If you want to use flat pedals, use flat pedals. If you want to use toe clips use those. If you want to use clipless use clipless. You can even get flat one side/SPD the other side!


----------



## fossyant (2 Jan 2009)

SPD's are the way, honest....fab inventions, suitable for all riding, mud etc...

Go for the one side flat, other side SPD if not convinced.......benefit of both worlds.


----------



## snorri (2 Jan 2009)

It might be worth while getting a pedal compatible with clips like this
http://cgi.ebay.co.uk/ws/eBayISAPI....089948&cguid=98e0c99411e0a0e202815c01ffcf195d

I think we are on a similar train of thought regarding footwear and pedals, but I have found these toe clips handy. They can be used with almost any shoe, and although the straps broke years ago, the toe clip still locates the foot on the pedal and is handy for lifting the pedal to the right position for starting away from traffic lights etc.


----------



## marinyork (2 Jan 2009)

How can you tell if they are compatible with the pedal snorri? I might buy some for a mate.


----------



## purplepolly (2 Jan 2009)

MacBludgeon said:


> I felt I should continue to be uncool and seek advice on my new flat pedals and footwear combination.

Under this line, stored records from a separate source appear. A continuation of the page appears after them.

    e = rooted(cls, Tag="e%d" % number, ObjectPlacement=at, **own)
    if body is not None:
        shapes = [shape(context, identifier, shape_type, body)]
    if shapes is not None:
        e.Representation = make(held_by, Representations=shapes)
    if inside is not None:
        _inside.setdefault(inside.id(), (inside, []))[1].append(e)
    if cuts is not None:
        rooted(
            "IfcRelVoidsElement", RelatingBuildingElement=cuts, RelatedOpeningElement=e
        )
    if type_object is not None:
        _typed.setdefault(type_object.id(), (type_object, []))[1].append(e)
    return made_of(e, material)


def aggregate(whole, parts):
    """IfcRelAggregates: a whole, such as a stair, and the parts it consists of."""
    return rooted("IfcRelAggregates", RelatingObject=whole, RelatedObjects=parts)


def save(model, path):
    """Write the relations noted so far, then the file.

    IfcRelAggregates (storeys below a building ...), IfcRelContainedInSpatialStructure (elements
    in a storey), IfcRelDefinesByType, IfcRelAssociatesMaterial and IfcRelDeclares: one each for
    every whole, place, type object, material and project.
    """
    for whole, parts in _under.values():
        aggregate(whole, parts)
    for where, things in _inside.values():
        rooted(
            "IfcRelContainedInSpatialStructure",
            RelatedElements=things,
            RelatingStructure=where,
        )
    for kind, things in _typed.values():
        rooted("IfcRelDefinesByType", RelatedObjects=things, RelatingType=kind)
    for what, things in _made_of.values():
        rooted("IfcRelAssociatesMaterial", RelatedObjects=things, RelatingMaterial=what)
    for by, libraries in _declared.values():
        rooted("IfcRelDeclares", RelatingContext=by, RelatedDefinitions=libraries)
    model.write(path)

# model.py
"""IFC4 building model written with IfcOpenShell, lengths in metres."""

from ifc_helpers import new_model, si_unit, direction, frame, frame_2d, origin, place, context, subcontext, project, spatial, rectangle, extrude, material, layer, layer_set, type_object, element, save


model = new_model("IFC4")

It may well look uncool but at this time of year it's the people with spds who spend all their time complaining about cold feet. You, however will be able to wear nice cosy thick socks and boots. But don't discount toeclips - I use half toeclips and much prefer them to flat pedals - and the cheapest only cost about a fiver.


----------



## MacB (2 Jan 2009)

purplepolly said:


> It may well look uncool but at this time of year it's the people with spds who spend all their time complaining about cold feet. You, however will be able to wear nice cosy thick socks and boots. But don't discount toeclips - I use half toeclips and much prefer them to flat pedals - and the cheapest only cost about a fiver.



thanks, but a little confused, don't toe clips just fit to any flat pedal or do you need toeclip specific pedals? If you've got a link to what you mean that would be great....thanks.....Al


----------



## Radius (3 Jan 2009)

marinyork said:


> How can you tell if they are compatible with the pedal snorri? I might buy some for a mate.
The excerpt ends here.